# HELP converting my wardrobe into a grow room



## J4m3s (Oct 26, 2006)

hi all,

new too this forum and new to growing weed , im wanting to give it a shot tho.

i have a dehumidifior and fan and that is it so far i have acsess to 8 plugs from my wardrobe soon too be growroom .

the only thing i have done so far is cover the floor with foil help please what next


----------



## Mutt (Oct 26, 2006)

We will need the dimensions of your wardrobe. Width, length, and Height. So we can size your lights and exhaust fans.
Also with the foil. If you MUST use that. make sure its dull side out. White poster board would work better. or even better paint the interior flat white.
Also you will want some weather stripping for the doors and a good latch. so the doors can close with no light leaks.

I moved this over to the growroom set-up and design section for ya.


----------



## J4m3s (Oct 26, 2006)

aprox

 67" high
 41" lenth
 530mm width
                  as for the interior its already white but im not sure what flat white means


----------



## J4m3s (Oct 26, 2006)

Could some1 give me a rough estimate on how much evrything will cost?
and i meen evrything compost,lights,seeds evrything any1?

thanx


----------



## Mutt (Oct 26, 2006)

So you looking at about 5 1/2 sq.ft. of area.
and about 31 cu.ft. of volume.
Everything will be overestimated in cost.

You gonna need at least 3 CPU fans for exhaust out the back. There is a how to by brother grunt in the DIY section. I'd say 30 bucks for those.

5 sq.ft. will need about 50W per sq. ft. of HID lighting.

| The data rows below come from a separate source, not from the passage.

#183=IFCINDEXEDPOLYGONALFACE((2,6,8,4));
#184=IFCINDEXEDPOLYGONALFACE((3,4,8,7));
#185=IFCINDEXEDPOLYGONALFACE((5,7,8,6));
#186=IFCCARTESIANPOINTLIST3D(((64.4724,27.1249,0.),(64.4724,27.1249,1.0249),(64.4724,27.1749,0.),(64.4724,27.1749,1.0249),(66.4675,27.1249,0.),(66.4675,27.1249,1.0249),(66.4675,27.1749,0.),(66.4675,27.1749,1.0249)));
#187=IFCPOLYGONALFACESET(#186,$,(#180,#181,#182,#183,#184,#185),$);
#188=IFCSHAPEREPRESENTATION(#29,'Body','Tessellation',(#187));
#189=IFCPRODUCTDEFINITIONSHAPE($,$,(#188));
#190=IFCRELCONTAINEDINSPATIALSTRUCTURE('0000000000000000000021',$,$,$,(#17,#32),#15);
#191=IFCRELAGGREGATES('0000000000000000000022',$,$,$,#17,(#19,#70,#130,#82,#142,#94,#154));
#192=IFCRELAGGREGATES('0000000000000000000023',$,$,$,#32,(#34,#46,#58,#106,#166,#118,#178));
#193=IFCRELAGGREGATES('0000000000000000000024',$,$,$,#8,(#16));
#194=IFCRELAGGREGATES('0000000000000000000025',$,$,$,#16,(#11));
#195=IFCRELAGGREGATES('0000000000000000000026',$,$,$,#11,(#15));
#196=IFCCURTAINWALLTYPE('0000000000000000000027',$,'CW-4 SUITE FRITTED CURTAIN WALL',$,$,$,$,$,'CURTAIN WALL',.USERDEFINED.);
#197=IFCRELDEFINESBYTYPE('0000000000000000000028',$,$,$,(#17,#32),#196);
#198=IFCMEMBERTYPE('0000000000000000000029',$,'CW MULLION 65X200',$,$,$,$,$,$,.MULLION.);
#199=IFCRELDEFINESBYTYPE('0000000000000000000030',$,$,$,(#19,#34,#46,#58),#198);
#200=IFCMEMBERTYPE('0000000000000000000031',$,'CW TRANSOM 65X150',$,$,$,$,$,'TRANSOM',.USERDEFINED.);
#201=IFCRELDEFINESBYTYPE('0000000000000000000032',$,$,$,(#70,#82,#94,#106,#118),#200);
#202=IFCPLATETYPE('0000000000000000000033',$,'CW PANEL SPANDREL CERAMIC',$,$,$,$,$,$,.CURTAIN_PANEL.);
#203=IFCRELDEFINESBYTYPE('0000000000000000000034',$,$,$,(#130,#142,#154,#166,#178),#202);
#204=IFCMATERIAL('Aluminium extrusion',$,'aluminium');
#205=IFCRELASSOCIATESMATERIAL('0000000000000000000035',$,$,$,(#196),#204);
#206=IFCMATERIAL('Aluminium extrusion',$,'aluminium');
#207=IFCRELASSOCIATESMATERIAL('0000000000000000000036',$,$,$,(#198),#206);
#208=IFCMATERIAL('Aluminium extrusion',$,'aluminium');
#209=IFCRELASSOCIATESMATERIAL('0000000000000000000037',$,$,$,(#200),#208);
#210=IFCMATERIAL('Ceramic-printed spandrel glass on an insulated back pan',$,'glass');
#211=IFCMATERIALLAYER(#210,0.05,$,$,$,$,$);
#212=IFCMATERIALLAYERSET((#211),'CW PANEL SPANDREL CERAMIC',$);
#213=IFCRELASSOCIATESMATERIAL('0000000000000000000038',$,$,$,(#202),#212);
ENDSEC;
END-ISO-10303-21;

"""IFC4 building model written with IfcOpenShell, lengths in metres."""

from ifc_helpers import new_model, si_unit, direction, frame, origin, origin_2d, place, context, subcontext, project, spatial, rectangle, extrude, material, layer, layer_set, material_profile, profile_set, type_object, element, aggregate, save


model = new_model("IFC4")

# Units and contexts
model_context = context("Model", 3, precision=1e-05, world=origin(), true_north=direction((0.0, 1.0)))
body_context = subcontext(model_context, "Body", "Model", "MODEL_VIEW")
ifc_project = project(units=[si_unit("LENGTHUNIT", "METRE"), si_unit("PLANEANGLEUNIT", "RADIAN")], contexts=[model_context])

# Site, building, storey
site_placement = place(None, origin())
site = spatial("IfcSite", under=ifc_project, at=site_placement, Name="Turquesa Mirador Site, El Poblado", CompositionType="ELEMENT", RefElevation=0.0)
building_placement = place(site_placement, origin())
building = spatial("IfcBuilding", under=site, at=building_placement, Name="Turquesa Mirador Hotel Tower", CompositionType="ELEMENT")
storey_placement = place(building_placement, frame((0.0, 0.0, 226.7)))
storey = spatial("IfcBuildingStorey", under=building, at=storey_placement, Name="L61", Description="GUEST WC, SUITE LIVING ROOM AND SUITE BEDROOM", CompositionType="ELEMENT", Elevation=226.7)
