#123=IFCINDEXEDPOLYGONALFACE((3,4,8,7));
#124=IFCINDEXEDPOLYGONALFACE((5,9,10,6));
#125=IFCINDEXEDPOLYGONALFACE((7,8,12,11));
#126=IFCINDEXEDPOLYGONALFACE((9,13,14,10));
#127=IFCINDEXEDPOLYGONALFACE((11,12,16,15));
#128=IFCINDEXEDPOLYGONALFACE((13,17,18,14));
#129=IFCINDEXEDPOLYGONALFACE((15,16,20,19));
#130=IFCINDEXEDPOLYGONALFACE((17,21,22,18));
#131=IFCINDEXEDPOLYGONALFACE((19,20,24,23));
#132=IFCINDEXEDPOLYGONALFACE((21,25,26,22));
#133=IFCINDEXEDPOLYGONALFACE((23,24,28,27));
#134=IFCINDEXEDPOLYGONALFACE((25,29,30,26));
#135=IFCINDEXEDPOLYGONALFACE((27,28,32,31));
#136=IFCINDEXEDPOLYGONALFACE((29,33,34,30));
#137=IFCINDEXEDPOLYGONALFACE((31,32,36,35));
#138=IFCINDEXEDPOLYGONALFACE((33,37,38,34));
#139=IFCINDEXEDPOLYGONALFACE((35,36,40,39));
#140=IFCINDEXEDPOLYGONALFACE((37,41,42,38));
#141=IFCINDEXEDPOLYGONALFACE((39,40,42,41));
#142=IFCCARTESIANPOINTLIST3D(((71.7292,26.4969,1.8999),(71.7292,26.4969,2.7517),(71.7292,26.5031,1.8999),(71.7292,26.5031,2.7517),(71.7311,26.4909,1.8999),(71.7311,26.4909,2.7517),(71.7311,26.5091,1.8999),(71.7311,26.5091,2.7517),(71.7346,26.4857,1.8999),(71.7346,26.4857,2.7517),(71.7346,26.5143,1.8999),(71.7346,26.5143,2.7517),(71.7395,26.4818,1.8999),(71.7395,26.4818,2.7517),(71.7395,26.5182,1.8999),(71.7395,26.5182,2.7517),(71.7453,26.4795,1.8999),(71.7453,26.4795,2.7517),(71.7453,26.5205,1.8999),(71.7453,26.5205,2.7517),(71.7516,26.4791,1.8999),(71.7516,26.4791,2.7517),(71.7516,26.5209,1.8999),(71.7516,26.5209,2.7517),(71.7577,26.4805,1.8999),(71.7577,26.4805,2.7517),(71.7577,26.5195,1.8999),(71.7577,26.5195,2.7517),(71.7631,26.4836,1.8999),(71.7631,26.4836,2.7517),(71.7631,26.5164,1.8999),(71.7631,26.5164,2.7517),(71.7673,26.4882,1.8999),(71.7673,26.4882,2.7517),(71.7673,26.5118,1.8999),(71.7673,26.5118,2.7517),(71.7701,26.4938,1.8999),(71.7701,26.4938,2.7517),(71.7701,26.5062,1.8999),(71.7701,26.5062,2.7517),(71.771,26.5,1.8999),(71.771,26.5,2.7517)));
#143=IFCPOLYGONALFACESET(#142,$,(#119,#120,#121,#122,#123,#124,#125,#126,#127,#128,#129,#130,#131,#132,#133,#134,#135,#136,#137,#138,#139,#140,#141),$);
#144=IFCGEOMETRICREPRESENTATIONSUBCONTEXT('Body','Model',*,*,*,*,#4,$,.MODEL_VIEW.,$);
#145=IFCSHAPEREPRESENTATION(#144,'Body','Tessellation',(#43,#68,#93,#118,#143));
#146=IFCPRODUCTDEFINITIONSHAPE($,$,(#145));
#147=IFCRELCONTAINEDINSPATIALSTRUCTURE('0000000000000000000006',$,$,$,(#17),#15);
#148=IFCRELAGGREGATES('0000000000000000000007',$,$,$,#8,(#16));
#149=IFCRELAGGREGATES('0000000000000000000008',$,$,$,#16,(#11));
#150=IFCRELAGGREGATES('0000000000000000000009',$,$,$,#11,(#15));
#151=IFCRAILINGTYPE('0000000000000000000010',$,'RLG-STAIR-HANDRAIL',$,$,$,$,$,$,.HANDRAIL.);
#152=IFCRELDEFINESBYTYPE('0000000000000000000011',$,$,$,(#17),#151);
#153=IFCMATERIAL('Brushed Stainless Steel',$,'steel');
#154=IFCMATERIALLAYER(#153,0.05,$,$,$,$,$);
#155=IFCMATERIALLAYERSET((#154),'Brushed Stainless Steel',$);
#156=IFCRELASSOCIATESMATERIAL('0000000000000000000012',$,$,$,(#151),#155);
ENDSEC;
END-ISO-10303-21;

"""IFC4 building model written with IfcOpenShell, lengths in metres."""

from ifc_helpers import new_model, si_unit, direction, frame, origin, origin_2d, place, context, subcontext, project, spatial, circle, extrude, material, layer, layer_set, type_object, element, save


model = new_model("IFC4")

We'll go with an HPS. so you will need a 250W HPS for that. Econo-250W High Pressure Sodium $95.00 + shipping. HERE.

Fertilizer/Soil:
Fox Farms Grow Big (soil) for Veg. 1 qt. $11.95 (HERE)
Fox Farms Big Bloom (soil) for flower 1 qt. $11.95 (HERE)
Fox Farms Tiger Bloom $12.95 (HERE)
Fox Farms Ocean Forest Organic soil. $25.00 (HERE)

Estimated Total: $200.00

Seeds I seperate in the cost.
www.seedboutique.com I'd go with the Nirvana line @ 15 bucks a pack. Those I recommend for NEWBs opposed to the more expensive ones.

This in theory should produce at least 5 ounces of bud for you.
I would recommend making a veg. Cabinet to keep a female and take cutting from her and root them. Not much is need for a veg. cab. Just check out Brother Grunts Grow journals. He has a few set-ups you can get ideas from. And make them for under 50 bucks.

The fert/soil list I gave you is just one of the many re-sellers. You alos do not have to use Fox Farms. A lot of folks have had great success using there product.

Edit:
The white inerior should be fine.
Also check this thread and do a lot of reading before planting your first seed. 
http://www.marijuanapassion.com/forum/showthread.php?t=5837


----------